Stenoma epicta

Scientific classification
- Domain: Eukaryota
- Kingdom: Animalia
- Phylum: Arthropoda
- Class: Insecta
- Order: Lepidoptera
- Family: Depressariidae
- Genus: Stenoma
- Species: S. epicta
- Binomial name: Stenoma epicta Walsingham, 1912

= Stenoma epicta =

- Authority: Walsingham, 1912

Species of moth

Stenoma epicta is a moth in the family Depressariidae. It was described by Lord Walsingham in 1912. It is found in Tabasco, Mexico.

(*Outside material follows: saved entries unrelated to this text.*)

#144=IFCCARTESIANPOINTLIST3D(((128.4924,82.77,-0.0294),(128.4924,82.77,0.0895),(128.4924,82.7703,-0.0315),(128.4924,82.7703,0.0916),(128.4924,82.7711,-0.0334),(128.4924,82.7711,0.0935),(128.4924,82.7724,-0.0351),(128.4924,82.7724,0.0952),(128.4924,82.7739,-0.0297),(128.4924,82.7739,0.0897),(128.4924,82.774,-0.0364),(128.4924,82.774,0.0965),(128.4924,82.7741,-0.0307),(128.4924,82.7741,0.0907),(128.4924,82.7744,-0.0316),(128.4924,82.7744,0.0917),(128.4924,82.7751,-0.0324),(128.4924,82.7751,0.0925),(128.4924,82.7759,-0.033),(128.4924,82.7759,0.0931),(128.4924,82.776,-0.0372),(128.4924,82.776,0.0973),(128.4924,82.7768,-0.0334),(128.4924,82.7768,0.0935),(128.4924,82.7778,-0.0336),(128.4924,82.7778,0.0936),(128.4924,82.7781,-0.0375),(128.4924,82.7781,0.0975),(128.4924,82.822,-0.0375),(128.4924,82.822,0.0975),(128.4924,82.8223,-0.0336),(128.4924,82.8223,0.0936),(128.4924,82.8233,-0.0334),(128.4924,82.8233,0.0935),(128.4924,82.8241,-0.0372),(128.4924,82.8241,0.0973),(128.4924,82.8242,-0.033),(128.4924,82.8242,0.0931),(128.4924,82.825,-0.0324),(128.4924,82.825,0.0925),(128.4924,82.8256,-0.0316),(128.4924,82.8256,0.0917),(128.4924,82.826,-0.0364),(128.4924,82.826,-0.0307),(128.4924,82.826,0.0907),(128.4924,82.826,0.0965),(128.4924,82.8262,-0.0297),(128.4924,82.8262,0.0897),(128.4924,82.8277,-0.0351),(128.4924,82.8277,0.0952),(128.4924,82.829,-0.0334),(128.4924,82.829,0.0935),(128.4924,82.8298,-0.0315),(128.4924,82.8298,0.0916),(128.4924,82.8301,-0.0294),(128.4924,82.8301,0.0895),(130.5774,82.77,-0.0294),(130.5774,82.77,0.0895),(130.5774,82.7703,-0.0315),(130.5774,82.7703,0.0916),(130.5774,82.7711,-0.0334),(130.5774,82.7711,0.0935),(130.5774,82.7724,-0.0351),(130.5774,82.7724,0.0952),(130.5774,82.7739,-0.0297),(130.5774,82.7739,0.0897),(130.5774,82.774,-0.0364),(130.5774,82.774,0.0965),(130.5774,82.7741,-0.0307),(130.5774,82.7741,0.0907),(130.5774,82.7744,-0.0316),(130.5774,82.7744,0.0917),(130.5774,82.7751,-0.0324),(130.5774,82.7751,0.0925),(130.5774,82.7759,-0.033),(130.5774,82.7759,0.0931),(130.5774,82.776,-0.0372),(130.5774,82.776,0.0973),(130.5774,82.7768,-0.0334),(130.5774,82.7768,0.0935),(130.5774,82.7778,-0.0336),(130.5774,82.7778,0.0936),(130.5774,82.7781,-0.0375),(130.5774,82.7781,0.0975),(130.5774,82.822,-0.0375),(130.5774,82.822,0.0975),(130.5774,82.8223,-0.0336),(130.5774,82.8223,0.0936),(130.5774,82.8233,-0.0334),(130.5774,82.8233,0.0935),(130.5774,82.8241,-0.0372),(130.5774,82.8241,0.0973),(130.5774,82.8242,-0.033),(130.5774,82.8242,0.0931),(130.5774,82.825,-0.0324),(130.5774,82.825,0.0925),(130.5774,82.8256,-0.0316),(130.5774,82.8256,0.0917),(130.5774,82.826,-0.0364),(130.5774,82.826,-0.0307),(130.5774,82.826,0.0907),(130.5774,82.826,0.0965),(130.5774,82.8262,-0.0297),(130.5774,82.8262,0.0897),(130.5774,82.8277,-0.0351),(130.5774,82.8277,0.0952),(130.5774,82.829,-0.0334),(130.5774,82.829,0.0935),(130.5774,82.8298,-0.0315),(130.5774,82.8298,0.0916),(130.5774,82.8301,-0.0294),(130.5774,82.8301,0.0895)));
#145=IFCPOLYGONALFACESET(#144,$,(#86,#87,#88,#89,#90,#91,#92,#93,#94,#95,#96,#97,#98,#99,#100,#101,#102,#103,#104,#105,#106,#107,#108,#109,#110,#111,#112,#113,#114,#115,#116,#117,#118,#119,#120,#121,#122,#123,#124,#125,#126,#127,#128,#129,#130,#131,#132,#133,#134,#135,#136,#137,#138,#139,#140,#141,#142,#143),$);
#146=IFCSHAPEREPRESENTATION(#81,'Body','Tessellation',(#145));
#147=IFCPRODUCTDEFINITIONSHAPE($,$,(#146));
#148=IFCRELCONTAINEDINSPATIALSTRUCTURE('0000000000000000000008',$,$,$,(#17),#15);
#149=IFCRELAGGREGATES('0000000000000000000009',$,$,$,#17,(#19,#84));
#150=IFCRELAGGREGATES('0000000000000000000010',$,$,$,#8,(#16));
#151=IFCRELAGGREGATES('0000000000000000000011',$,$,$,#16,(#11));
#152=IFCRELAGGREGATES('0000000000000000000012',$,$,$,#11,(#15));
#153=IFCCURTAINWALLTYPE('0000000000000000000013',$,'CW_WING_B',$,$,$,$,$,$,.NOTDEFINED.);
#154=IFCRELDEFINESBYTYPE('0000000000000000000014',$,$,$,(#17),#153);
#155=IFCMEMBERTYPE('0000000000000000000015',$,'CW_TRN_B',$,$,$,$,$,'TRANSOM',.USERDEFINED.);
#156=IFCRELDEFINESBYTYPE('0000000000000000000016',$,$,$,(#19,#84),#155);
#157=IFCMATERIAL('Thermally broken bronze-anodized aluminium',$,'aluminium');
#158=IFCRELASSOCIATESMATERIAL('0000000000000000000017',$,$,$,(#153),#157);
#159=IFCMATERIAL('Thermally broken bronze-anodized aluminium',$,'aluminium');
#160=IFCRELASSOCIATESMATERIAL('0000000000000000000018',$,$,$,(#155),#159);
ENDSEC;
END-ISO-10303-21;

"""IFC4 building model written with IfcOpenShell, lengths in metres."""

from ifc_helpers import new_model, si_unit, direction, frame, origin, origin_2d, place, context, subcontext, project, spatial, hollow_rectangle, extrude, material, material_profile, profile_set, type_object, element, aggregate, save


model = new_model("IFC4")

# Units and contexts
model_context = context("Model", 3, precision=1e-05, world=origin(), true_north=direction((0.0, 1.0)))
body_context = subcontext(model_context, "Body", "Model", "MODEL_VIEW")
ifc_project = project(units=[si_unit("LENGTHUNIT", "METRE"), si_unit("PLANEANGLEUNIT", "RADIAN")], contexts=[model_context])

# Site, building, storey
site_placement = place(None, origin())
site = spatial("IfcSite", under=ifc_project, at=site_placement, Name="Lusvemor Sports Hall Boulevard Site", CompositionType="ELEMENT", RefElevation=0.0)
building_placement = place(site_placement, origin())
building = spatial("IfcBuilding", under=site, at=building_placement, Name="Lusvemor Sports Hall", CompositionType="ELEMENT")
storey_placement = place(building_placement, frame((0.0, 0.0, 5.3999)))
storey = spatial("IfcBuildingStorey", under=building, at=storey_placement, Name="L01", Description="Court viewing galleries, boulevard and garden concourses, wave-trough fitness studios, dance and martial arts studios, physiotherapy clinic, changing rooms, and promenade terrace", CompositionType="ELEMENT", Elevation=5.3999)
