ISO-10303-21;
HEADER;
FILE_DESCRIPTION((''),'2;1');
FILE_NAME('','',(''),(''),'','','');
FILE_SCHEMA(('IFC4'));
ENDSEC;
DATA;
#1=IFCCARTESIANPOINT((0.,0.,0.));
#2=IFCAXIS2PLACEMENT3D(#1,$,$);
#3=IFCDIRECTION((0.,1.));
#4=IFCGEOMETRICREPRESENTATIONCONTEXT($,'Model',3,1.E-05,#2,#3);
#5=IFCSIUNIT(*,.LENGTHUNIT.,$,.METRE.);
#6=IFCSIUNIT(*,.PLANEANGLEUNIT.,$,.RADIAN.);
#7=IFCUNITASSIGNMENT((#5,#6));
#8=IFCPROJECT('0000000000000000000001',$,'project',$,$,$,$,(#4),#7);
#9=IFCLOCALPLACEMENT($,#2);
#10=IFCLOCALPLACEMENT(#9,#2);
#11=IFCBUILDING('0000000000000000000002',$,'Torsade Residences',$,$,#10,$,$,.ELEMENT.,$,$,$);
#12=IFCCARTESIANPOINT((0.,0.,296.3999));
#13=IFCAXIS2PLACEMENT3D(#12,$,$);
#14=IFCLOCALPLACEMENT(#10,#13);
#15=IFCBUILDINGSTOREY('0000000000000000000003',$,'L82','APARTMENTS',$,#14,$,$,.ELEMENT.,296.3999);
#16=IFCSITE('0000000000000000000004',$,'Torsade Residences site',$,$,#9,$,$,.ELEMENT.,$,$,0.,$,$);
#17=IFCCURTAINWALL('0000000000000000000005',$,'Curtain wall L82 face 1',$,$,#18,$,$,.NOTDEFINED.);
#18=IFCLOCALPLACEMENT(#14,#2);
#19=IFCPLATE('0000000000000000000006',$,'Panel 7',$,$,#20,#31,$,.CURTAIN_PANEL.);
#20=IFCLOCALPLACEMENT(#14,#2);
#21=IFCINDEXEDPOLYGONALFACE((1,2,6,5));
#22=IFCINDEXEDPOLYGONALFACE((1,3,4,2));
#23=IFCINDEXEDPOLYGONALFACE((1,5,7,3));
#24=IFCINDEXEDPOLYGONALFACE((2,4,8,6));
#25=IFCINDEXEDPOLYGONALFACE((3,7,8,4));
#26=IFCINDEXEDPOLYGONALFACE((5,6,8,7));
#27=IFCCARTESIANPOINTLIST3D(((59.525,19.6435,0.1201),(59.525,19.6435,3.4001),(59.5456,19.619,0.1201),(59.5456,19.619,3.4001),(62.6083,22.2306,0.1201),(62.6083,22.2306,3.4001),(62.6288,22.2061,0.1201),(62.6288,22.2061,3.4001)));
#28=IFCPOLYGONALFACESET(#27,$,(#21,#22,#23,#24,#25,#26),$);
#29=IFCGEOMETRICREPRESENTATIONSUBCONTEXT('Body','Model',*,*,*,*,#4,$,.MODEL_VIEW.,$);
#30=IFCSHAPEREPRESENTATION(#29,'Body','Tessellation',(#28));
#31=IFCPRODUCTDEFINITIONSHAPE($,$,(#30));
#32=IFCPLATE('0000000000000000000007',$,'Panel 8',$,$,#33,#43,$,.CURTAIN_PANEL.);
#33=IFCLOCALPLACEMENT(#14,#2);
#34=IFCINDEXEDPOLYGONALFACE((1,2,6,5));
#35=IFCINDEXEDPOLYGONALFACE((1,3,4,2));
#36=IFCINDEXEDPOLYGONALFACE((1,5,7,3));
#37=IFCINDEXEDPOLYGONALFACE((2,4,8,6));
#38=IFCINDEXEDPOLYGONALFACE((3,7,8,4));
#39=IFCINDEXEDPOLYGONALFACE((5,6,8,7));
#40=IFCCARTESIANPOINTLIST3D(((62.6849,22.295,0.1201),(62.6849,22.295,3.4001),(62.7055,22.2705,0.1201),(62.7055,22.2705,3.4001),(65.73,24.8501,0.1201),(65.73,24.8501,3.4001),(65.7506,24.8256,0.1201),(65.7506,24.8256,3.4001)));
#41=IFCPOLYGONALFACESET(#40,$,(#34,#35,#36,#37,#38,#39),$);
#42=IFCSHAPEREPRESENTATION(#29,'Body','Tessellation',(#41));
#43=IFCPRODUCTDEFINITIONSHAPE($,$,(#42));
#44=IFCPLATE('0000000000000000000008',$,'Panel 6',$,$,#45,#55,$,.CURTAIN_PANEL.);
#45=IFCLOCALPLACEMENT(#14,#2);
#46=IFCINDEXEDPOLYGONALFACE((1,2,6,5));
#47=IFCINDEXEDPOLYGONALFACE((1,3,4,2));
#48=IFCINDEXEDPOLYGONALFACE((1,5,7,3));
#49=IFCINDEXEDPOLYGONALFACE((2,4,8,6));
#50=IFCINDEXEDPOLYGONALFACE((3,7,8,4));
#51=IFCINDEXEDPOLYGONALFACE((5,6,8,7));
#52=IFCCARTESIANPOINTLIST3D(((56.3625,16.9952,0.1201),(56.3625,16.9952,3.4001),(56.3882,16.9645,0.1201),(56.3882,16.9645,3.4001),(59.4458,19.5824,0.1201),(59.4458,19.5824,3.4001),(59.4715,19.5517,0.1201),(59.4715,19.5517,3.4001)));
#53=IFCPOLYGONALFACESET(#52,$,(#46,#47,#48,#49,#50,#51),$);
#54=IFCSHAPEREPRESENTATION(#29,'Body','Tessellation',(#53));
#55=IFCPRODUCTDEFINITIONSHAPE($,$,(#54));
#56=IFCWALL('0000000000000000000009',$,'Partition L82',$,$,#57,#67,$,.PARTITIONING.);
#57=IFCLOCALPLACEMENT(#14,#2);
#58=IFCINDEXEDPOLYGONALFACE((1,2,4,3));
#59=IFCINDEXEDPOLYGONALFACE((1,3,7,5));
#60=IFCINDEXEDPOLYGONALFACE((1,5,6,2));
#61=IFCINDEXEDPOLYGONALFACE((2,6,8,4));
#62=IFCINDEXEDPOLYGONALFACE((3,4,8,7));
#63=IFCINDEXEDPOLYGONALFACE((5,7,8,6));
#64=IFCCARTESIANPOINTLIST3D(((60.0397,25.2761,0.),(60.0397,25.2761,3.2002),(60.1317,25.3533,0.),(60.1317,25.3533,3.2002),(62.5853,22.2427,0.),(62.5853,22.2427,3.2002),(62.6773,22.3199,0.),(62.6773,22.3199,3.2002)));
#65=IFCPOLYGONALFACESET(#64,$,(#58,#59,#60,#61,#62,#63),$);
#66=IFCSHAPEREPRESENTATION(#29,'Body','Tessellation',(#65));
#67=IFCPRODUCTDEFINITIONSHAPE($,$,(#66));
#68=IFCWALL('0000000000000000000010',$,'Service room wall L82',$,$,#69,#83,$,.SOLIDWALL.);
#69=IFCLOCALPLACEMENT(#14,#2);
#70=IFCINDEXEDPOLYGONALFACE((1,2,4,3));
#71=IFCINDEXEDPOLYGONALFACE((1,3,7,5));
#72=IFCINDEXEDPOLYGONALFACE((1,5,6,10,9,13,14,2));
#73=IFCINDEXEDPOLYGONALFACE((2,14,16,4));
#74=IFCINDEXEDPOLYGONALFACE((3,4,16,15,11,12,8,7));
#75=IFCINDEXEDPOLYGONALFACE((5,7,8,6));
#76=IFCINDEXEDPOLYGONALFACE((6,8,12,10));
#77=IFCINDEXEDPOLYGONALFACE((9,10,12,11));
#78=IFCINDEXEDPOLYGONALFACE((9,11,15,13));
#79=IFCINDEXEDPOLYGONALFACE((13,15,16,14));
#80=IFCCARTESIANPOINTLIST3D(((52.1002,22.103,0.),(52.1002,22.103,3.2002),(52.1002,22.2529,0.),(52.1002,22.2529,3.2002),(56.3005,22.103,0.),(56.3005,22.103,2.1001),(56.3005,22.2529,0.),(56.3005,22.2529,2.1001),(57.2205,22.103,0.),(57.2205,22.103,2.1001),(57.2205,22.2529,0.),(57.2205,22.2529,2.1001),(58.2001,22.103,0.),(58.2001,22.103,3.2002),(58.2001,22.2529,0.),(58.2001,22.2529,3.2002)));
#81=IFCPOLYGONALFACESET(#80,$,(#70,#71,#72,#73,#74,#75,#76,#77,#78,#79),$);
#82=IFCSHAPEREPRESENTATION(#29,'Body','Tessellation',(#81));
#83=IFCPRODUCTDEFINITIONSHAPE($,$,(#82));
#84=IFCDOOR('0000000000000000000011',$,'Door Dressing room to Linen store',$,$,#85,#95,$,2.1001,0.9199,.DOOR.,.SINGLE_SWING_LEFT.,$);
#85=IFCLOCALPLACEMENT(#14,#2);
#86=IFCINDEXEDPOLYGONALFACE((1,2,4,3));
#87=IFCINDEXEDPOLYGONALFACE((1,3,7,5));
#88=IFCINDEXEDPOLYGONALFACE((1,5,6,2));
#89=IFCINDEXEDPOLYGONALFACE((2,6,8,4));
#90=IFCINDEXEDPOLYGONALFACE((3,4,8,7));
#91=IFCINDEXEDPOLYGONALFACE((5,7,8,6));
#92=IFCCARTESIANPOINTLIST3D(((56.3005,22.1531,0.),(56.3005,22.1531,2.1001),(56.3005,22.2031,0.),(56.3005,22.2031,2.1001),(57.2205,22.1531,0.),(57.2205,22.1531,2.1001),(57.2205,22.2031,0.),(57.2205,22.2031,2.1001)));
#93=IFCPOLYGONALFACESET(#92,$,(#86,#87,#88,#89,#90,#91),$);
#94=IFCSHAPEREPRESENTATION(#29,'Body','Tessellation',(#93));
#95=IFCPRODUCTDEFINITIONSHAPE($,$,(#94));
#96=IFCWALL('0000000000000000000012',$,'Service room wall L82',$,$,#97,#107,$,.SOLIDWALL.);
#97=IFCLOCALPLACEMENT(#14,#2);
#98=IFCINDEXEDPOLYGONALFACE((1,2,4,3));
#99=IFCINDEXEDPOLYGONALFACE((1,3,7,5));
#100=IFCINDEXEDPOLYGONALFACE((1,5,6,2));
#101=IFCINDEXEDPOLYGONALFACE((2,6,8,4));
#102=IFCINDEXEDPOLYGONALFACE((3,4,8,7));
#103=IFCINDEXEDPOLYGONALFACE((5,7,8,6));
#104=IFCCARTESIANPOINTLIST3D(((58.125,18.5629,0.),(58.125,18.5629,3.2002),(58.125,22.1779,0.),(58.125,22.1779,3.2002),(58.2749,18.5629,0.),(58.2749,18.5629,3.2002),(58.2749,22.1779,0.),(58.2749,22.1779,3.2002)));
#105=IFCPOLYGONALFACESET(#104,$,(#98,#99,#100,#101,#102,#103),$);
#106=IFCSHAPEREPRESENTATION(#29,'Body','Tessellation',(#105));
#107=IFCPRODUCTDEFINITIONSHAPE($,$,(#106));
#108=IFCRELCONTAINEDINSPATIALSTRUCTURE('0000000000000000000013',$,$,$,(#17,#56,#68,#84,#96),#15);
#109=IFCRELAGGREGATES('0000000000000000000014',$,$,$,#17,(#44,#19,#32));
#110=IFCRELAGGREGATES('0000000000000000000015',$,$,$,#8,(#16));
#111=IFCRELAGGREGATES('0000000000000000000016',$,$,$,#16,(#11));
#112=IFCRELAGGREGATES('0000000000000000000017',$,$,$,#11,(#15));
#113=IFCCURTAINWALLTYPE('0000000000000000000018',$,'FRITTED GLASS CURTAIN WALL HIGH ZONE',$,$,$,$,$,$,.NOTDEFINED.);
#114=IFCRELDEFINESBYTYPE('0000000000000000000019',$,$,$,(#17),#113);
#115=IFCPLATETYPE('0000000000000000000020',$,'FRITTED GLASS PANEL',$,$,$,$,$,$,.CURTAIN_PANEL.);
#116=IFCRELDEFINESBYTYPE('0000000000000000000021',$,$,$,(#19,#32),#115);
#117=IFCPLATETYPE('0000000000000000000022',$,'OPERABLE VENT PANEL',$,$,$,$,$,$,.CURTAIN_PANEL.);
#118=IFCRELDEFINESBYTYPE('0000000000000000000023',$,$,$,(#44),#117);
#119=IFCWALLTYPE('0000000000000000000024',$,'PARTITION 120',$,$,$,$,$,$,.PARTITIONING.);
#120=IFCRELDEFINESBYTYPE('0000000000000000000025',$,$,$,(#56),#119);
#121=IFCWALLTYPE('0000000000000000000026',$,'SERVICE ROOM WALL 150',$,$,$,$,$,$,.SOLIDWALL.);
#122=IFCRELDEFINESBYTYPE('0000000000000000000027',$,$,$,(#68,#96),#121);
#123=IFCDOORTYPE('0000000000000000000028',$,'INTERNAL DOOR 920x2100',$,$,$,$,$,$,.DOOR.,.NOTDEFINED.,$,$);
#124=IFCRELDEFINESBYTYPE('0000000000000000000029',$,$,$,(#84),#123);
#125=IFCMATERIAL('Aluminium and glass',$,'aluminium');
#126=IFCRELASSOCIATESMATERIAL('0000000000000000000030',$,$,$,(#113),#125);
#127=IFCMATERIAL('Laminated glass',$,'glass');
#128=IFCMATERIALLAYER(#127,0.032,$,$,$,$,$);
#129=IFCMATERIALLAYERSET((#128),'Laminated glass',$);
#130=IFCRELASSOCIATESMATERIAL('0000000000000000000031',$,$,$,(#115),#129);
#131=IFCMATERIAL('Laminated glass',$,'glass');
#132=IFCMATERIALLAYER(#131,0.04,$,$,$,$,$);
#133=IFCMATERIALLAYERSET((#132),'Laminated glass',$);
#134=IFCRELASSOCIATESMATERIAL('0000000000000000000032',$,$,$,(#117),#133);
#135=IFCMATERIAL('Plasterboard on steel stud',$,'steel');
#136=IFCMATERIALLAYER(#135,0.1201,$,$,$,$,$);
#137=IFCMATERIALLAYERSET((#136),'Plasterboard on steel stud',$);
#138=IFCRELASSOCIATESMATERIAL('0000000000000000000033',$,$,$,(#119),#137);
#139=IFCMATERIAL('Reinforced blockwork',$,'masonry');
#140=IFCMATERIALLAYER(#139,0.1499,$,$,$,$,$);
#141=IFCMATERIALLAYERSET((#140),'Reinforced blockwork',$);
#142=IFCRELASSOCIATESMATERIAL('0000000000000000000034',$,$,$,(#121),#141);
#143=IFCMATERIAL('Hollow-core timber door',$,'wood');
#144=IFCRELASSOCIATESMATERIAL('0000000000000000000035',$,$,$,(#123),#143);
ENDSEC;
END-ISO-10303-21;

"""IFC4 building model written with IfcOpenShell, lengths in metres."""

from ifc_helpers import new_model, si_unit, direction, frame, frame_2d, origin, origin_2d, place, context, subcontext, project, spatial, rectangle, extrude, material, layer, layer_set, type_object, element, fill, aggregate, save


model = new_model("IFC4")

# Units and contexts
model_context = context("Model", 3, precision=1e-05, world=origin(), true_north=direction((0.0, 1.0)))
body_context = subcontext(model_context, "Body", "Model", "MODEL_VIEW")
ifc_project = project(units=[si_unit("LENGTHUNIT", "METRE"), si_unit("PLANEANGLEUNIT", "RADIAN")], contexts=[model_context])

# Site, building, storey
site_placement = place(None, origin())
site = spatial("IfcSite", under=ifc_project, at=site_placement, Name="Torsade Residences site", CompositionType="ELEMENT", RefElevation=0.0)
building_placement = place(site_placement, origin())
building = spatial("IfcBuilding", under=site, at=building_placement, Name="Torsade Residences", CompositionType="ELEMENT")
storey_placement = place(building_placement, frame((0.0, 0.0, 296.3999)))
storey = spatial("IfcBuildingStorey", under=building, at=storey_placement, Name="L82", Description="APARTMENTS", CompositionType="ELEMENT", Elevation=296.3999)

# Curtain wall
ifc_material_1 = material(Name="Aluminium and glass", Category="aluminium")
curtain_wall_type = type_object("IfcCurtainWallType", Name="FRITTED GLASS CURTAIN WALL HIGH ZONE", PredefinedType="NOTDEFINED", material=ifc_material_1)
curtain_wall_placement = place(storey_placement, origin())
curtain_wall = element("IfcCurtainWall", 1, at=curtain_wall_placement, inside=storey, type_object=curtain_wall_type, Name="Curtain wall L82 face 1", PredefinedType="NOTDEFINED")

# Plates
ifc_material_2 = material(Name="Laminated glass", Category="glass")
ifc_layer_1 = layer(ifc_material_2, 0.032)
ifc_layer_set_1 = layer_set([ifc_layer_1], Name="Laminated glass")
plate_type_1 = type_object("IfcPlateType", Name="FRITTED GLASS PANEL", PredefinedType="CURTAIN_PANEL", material=ifc_layer_set_1)
plate_1_placement = place(storey_placement, frame((61.0769, 20.9248, 0.1201), z_axis=(0.0, 0.0, 1.0), x_axis=(0.766044, 0.642788, 0.0)))
plate_1 = element("IfcPlate", 2, at=plate_1_placement, type_object=plate_type_1, Name="Panel 7", PredefinedType="CURTAIN_PANEL", context=body_context, shape_type="SweptSolid", body=[
    extrude(rectangle(XDim=4.0249, YDim=0.032, at=origin_2d()), origin(), (0.0, 0.0, 1.0), 3.28),
])
plate_2_placement = place(storey_placement, frame((64.2178, 23.5603, 0.1201), z_axis=(0.0, 0.0, 1.0), x_axis=(0.766044, 0.642788, 0.0)))
plate_2 = element("IfcPlate", 3, at=plate_2_placement, type_object=plate_type_1, Name="Panel 8", PredefinedType="CURTAIN_PANEL", context=body_context, shape_type="SweptSolid", body=[
    extrude(rectangle(XDim=3.9751, YDim=0.032, at=origin_2d()), origin(), (0.0, 0.0, 1.0), 3.28),
])
ifc_material_3 = material(Name="Laminated glass", Category="glass")
ifc_layer_2 = layer(ifc_material_3, 0.04)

The wingspan is about 14 mm. The forewings are rather shining, white, with pale grey shading, a strong brown patch near the base of the dorsum, and a dark brown spot at the end of the cell. The pale olivaceous grey shading consists of a broad band along the dorsum, crossing the outer end of the fold, curved upward around the end of the cell, and attenuate backward to the costa, at two-thirds from the base, a costal shade, commencing at the base, extending to one-third and thence deflected obliquely outward to the fold, and an apical shade extending from the costa along the termen nearly to the tornus, and covering the cilia, the curved white transverse band which separates it from the antecedent grey shade being clearly defined. The hindwings are pale greyish.